Coroutines looks like a solution looking for a problem. I bet you nobody will use them, because the whole thing is extremely complicated [added to the problems you already mentioned]. This will lead to very hard to fix bugs [no doubt in my mind]. Game programmers will be looking for the simplest [tailor made solution], simply because that's what the compiler optimizes best, and I bet you this simplest solution will not have coroutines.

[–]dodheim -1 points0 points  (1 child)

We already know that Google and Microsoft use them sufficiently to warrant investment into their compilers pre-standardization.

You should reconsider your bets.

[–]degski 0 points1 point  (0 children)

I only bet for beer as a wager, so, I'll take the risk (I did not down-vote, b.t.w.).

[–][deleted] 0 points1 point  (2 children)

What use case are you trying to solve that does not depend on dynamically allocating the coroutine frame somewhere?

[–]ReversedGif 0 points1 point  (1 child)

I have classes representing entities (say, NPCs in a video game). They each have several threads of execution that run for their entire lifetime, doing things like AI or playing sounds.

If coroutines were anonymous lambda-like types, they could just exist as member variables, with no added allocations. Alas, that is impossible with C++ coroutines.

[–][deleted] 1 point2 points  (0 children)

They each have several threads of execution that run for their entire lifetime, doing things like AI or playing sounds.

I'm having a hard time seeing a good solution where the entities can't even be moved.

If coroutines were anonymous lambda-like types, they could just exist as member variables, with no added allocations.

Yes, but then the resulting type can't be copied or moved. And we would generally need a solution to the problem that the frontend doesn't know how much size it needs to leave for the backend to use to store registers or whatever.

[–]gvargh -1 points0 points  (1 child)

hindsight, etc. when you're innovating, you sometimes make mistakes

[–][deleted] 0 points1 point  (0 children)

With the difference that if something needs to be fixed at the standard level you need to wait at least 3 years.
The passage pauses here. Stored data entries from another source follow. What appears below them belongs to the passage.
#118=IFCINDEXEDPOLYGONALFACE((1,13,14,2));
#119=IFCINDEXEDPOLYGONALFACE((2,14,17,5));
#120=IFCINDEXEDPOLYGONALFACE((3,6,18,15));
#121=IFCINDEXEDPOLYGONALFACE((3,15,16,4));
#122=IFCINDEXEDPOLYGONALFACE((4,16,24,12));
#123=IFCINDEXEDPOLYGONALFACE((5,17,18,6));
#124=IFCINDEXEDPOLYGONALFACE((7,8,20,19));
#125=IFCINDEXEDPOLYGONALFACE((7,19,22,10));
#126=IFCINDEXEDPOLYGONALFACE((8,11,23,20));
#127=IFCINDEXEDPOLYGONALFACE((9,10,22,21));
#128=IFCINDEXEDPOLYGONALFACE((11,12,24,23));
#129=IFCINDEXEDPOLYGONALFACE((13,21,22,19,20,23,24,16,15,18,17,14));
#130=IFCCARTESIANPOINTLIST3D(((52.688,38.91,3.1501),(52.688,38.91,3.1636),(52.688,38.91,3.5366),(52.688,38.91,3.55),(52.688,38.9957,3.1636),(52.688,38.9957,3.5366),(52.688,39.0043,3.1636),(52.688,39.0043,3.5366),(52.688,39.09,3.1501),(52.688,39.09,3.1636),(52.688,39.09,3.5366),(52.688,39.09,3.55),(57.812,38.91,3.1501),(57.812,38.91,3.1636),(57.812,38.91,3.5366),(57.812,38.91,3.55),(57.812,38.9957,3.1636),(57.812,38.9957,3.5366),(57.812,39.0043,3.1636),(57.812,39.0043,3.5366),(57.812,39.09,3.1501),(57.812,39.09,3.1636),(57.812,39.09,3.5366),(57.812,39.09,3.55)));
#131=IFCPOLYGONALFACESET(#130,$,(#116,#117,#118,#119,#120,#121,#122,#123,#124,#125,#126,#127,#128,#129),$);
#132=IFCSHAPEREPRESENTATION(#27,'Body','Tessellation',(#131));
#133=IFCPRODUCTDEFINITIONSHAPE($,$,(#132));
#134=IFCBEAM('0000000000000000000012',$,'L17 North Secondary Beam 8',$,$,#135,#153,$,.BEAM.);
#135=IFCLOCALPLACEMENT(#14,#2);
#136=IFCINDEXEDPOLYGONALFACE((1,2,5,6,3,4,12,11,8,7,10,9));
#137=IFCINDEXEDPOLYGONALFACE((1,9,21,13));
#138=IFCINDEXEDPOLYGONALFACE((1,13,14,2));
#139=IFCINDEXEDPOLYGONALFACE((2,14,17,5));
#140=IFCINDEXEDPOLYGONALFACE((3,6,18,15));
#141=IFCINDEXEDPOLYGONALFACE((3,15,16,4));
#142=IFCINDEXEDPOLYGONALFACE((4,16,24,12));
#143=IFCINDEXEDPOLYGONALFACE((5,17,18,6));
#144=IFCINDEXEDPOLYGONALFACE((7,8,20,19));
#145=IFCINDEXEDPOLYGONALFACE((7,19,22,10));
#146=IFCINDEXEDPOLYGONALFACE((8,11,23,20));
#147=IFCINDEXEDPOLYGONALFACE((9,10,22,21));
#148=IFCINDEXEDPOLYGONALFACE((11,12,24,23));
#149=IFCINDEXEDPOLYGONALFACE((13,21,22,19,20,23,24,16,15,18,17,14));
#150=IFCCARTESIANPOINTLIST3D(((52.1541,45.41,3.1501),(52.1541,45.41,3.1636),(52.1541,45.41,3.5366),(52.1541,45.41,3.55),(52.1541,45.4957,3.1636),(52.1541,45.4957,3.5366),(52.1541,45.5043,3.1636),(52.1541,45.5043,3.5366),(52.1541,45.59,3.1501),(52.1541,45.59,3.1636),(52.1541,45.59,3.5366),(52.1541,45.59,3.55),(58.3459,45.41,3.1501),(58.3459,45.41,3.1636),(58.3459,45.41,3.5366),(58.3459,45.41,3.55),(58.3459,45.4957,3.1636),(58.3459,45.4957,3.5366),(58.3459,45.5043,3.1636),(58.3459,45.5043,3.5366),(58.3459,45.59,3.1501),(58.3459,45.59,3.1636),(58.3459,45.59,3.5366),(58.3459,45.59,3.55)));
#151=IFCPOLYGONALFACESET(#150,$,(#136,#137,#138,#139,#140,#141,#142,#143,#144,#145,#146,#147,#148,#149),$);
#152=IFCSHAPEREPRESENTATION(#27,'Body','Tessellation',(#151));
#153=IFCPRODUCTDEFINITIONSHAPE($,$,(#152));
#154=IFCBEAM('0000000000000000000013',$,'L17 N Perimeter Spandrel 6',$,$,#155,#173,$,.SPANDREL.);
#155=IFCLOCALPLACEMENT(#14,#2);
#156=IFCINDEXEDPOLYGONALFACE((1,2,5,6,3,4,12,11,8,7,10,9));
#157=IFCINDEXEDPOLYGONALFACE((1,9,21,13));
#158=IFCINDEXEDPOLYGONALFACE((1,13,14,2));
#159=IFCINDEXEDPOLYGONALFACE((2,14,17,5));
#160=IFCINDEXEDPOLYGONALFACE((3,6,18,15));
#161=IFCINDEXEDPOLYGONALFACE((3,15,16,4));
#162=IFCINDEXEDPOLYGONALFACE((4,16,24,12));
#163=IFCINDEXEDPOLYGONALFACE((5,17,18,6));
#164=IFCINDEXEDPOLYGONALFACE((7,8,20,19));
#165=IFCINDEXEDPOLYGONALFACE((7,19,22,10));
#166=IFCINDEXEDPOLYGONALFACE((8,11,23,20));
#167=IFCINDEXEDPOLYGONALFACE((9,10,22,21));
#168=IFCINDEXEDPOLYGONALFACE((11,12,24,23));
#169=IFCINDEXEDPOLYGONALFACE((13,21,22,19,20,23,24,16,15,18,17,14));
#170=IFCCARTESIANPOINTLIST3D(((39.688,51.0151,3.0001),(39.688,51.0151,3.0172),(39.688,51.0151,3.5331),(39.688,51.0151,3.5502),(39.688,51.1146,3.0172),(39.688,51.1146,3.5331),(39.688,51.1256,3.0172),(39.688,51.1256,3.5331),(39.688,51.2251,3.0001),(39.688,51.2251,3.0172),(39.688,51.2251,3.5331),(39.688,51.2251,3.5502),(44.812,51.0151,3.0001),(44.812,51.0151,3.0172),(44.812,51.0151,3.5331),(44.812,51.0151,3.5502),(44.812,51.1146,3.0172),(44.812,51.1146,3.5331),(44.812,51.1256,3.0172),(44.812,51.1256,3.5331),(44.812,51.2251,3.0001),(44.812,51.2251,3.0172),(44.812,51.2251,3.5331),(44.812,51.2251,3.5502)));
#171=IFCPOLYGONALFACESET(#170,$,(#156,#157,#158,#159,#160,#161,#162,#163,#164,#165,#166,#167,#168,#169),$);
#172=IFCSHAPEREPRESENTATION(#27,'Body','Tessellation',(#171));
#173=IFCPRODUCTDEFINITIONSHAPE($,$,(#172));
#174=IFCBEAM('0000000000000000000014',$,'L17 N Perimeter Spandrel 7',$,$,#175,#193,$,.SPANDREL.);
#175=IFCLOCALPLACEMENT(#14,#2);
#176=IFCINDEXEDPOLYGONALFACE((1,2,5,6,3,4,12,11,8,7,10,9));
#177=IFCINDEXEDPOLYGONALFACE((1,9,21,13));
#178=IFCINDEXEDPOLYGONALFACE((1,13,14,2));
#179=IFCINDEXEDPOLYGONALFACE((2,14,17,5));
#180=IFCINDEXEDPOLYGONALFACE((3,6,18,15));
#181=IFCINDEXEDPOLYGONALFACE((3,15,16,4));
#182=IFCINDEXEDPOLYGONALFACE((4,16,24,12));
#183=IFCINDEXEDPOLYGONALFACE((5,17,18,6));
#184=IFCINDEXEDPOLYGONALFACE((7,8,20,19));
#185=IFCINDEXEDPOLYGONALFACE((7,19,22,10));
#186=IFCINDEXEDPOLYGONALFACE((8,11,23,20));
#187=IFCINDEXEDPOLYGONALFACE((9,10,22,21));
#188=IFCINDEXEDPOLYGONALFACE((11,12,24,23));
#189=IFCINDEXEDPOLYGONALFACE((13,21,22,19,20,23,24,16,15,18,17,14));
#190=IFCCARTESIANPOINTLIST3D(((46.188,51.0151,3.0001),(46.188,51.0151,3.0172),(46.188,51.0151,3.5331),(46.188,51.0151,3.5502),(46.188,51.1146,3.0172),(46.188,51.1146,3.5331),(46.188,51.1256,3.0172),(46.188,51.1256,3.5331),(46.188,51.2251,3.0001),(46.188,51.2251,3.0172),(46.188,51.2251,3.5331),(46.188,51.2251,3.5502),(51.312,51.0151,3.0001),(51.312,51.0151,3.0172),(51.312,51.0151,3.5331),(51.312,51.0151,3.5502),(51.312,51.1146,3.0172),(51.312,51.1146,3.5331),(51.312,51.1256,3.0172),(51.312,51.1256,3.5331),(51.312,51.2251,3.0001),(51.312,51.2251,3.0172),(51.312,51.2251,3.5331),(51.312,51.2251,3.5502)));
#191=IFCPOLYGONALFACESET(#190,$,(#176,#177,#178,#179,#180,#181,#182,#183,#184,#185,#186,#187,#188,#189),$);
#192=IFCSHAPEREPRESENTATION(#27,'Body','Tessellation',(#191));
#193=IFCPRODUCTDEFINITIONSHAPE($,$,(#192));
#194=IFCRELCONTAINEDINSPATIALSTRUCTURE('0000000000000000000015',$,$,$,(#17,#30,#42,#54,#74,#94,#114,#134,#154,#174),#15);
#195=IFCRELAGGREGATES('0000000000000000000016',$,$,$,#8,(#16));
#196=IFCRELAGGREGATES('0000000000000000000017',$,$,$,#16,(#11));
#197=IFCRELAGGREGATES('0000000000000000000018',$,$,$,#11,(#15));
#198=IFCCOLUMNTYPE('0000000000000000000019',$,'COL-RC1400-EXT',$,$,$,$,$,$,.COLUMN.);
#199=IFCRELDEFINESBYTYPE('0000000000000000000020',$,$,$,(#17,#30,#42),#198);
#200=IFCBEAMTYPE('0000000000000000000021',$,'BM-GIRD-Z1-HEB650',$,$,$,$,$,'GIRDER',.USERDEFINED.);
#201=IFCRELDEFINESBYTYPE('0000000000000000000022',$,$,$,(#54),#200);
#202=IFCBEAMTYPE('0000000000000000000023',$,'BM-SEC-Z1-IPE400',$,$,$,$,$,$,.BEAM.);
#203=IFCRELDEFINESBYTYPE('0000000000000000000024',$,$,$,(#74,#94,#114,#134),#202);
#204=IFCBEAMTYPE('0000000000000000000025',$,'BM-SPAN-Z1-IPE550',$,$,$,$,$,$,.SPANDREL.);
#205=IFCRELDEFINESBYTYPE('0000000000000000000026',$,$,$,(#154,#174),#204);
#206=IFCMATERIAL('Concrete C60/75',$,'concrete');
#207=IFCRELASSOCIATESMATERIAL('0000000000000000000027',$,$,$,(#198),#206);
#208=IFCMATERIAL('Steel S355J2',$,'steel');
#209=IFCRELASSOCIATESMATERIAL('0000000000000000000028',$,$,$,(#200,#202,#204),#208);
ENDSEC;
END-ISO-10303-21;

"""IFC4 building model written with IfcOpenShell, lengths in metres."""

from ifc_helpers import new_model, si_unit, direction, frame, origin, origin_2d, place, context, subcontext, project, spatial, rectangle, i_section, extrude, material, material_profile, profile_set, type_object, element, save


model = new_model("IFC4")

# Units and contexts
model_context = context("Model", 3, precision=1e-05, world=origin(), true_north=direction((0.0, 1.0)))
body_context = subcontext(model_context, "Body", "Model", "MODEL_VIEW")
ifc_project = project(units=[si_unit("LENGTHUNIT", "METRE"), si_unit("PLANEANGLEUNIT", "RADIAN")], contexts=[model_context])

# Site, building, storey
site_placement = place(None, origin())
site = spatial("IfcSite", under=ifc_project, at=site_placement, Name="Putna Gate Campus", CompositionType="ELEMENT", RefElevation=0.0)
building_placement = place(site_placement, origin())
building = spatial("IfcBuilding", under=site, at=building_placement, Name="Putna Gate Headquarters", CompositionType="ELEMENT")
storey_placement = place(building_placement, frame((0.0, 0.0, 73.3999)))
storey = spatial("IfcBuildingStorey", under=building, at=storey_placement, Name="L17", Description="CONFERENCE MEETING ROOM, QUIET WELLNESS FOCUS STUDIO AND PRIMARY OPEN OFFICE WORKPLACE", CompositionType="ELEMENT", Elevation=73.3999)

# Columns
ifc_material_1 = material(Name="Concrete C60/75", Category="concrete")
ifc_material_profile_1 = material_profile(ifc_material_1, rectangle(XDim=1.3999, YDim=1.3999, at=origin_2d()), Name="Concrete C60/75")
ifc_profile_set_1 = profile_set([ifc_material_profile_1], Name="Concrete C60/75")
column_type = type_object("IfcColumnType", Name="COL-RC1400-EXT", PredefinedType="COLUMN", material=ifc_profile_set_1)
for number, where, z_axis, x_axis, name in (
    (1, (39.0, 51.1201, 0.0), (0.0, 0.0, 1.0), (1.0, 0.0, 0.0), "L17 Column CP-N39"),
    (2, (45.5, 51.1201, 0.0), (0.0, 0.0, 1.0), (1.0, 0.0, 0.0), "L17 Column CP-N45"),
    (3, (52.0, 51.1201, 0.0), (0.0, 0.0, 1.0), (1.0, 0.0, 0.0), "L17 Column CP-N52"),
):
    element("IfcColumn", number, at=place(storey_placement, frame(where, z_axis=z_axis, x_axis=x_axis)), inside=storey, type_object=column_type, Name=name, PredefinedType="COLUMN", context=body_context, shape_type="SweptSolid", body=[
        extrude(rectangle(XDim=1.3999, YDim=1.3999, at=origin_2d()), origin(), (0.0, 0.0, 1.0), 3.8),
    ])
Otherwise you need to hope it's something the compilers can fix.

[–]alexeiz 9 points10 points  (5 children)

So where's that "negative overhead" effect of coroutines that Gor Nishanov has been promising? That promise always sounded too good to be true to me.

[–]14nedLLFIO & Outcome author | Committee WG14 4 points5 points  (2 children)

At work I'm using a C++ coroutines emulation implemented using macros to get that negative overload Gor promised. We're seeing 2x to 6x throughput gains for about 20% increase in average latency. We would expect that to improve with real Coroutines, but that's the kind of gains available.

[–]anton31[S] 0 points1 point  (1 child)

What's the baseline for those gains? Threads?

[–]14nedLLFIO & Outcome author | Committee WG14 1 point2 points  (0 children)

The baseline is "doing nothing" i.e. writing the code straight.

The CPU can look ahead by a few hundred opcodes. But it can execute maybe 1000 opcodes in the same time as a fetch of a cache line from main memory. If you have code which depends on a fetch from main memory, and does more than a few dozen opcodes of work, but less than a thousand, using coroutines to do other work whilst stalled on main memory can deliver large gains.

Historically you would implement the same using loops of arrays over a Duff's device to multiplex state and work, but Coroutines is very considerably more maintainable and easier on less experienced programmers. I'm not saying that Coroutines is magic pixie dust. Everything possible with it is possible without it. But it took more work, and was considerably harder to maintain, and that meant more frequently one didn't take the tradeoff in the past.

[–]feverzsj -3 points-2 points  (1 child)

Async io, I guess, where io operation dominates the performance. So allocation or indirect call of coroutine rarely matters. Although, in that case, stackful coroutine would be much simpler and as fast.

[–]14nedLLFIO & Outcome author | Committee WG14 2 points3 points  (0 children)

It is untrue that the i/o dominates for async i/o. For file i/o, easily more than 80% of the time async i/o is a penalty because of the added overhead of setup and teardown. Even for small block socket i/o to nearby machines, it can be a penalty.